Nationalism by any other name... is NAZI... or is it YATZEE...
“national industrial champions”
Champions??? That’s a joke right?
I just LOVE the smell of deglobalisation in the morning!
It smells like... victory.
ATLAS SHRUGGED.
=^D
The big push for globalism came only because certain wealthy interests made trillions off it.
Globalism was a bubble dependent on debt and easy money and cheap energy for long distance transportation of goods. We have returned to cheap energy but there is no more easy money flooding America and the globe to purchase the “fruits” of globalization
The more a foreign trading partner produces for you, the more he will raise his price for the labors of his consumers and grow strong. If you then lower his price, he will prepare his people for conflict with you rather than be deposed by them.
Globalization based upon honest nations trading honest goods and services in a free market are one thing, very healthy. Pity, that “globalization” has nothing to do with honest nations providing honest goods and services, let alone the concept of “free market”.
AMEN!
I would add only two points here.
First, you left off the part about the "rock stars," the "I-banking" crowd at the top raking of gazillions while beggaring and buggering the rest of us.
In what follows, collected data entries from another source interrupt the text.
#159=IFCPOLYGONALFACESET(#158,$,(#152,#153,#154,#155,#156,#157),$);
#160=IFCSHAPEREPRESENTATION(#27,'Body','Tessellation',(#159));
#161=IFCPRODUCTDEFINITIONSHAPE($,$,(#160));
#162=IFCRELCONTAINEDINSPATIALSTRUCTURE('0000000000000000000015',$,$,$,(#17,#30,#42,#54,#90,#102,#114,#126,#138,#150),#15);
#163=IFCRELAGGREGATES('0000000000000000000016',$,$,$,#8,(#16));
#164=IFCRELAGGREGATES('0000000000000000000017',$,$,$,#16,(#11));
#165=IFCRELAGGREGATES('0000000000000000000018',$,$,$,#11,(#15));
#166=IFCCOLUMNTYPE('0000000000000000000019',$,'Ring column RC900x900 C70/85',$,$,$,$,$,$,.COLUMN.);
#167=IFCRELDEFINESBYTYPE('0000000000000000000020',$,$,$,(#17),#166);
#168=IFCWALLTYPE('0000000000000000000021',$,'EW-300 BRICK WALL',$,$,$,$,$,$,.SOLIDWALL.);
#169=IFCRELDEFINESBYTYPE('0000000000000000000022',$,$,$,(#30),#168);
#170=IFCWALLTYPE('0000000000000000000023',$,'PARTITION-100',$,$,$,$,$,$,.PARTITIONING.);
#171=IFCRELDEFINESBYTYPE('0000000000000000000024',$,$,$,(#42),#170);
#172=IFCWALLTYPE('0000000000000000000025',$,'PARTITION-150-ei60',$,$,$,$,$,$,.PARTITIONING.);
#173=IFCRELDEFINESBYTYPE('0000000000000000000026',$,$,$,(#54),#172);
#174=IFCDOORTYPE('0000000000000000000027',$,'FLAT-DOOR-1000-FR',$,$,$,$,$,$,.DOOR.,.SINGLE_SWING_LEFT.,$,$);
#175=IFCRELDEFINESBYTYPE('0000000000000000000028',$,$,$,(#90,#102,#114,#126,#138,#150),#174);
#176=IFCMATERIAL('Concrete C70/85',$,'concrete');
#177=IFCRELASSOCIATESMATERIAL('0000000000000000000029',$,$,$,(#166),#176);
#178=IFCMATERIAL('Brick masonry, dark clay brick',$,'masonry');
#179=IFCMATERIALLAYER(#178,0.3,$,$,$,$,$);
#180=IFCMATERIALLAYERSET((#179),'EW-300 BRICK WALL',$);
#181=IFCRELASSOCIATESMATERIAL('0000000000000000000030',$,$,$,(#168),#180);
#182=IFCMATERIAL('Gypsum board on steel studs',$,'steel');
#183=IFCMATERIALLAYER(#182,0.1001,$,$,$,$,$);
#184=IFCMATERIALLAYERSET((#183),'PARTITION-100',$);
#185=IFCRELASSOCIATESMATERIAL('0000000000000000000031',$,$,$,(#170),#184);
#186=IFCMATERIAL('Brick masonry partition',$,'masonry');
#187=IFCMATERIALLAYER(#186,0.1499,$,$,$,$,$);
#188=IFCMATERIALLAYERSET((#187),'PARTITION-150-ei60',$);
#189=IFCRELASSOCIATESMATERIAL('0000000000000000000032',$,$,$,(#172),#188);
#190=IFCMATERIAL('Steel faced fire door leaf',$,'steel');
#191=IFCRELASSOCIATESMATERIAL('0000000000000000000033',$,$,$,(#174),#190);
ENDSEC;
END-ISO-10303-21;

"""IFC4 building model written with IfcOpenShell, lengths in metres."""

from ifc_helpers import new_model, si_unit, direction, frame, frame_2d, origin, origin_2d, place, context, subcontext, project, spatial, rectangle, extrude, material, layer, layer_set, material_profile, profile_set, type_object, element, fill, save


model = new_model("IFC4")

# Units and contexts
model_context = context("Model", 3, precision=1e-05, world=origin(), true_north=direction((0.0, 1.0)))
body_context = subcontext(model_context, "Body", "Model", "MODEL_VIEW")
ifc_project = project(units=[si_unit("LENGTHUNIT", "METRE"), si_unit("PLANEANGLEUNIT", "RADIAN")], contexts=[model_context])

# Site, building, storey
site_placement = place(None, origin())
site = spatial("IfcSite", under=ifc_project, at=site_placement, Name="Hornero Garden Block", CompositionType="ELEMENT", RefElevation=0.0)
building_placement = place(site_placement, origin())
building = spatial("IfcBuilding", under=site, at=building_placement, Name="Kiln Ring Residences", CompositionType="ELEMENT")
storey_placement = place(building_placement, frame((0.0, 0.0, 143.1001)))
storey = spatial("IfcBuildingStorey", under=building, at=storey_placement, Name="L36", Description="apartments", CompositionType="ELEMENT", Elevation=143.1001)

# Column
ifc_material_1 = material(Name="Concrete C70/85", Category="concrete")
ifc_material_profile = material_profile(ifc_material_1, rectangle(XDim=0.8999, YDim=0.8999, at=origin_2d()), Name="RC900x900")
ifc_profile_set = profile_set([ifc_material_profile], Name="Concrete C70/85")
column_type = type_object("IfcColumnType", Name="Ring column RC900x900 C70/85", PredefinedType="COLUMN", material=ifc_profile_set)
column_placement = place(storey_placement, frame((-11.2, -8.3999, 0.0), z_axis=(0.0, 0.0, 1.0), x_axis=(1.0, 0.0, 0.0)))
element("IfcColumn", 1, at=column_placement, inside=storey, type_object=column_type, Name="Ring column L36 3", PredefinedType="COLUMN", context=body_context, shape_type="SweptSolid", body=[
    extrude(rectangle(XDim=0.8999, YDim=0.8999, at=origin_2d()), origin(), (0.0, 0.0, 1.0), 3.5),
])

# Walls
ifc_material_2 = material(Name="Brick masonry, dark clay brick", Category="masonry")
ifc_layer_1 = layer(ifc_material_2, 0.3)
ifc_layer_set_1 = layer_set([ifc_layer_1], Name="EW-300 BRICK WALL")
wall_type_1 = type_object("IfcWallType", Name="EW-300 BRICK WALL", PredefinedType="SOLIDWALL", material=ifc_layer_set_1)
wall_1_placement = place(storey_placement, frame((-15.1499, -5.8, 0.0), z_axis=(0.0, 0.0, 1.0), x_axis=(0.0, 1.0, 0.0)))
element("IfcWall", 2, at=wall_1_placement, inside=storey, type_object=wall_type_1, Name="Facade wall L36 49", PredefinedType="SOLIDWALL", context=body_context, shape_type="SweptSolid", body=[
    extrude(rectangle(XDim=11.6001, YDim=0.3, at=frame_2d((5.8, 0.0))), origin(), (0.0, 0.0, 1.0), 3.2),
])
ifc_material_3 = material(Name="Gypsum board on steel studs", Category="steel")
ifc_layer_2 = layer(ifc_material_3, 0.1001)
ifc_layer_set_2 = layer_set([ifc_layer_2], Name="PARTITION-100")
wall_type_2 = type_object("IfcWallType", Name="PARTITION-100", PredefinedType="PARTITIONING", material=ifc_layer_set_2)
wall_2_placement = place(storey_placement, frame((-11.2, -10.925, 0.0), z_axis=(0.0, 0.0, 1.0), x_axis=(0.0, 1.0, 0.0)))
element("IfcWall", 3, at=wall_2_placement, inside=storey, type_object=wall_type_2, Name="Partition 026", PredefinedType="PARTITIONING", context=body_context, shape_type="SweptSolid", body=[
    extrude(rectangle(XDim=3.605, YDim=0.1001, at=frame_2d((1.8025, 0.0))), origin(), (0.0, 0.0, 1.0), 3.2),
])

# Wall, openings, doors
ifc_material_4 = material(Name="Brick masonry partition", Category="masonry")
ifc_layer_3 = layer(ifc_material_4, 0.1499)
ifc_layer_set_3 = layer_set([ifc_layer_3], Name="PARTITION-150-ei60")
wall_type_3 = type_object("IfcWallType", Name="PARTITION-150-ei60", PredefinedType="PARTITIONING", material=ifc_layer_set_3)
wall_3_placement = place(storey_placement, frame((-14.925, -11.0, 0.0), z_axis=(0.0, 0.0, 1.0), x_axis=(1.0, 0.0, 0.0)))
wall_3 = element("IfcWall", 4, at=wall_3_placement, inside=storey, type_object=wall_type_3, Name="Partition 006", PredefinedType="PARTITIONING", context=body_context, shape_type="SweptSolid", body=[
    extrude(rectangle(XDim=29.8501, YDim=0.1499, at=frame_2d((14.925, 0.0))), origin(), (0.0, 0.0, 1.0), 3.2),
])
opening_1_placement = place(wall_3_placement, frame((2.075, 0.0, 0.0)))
Second, we have cheap transportation because demand is way way down. It will remain cheap for some time because of over investment in global transportation infrastructure.
Tell me exactly what goods and services were being traded by racking up fees for default insurance on debt bonds, insurance that you could not pay off on junk paper that never should have been printed. But that WAS the world of "i-banking."
... and honest banks... and honest politicians (LOL)... and honest lawyers (LOL)
oh my God, I’m laughing.
heh heh. Might as well laugh. I Can’t play a fiddle.
Yup. As I said, honest anything had nothing to do with it.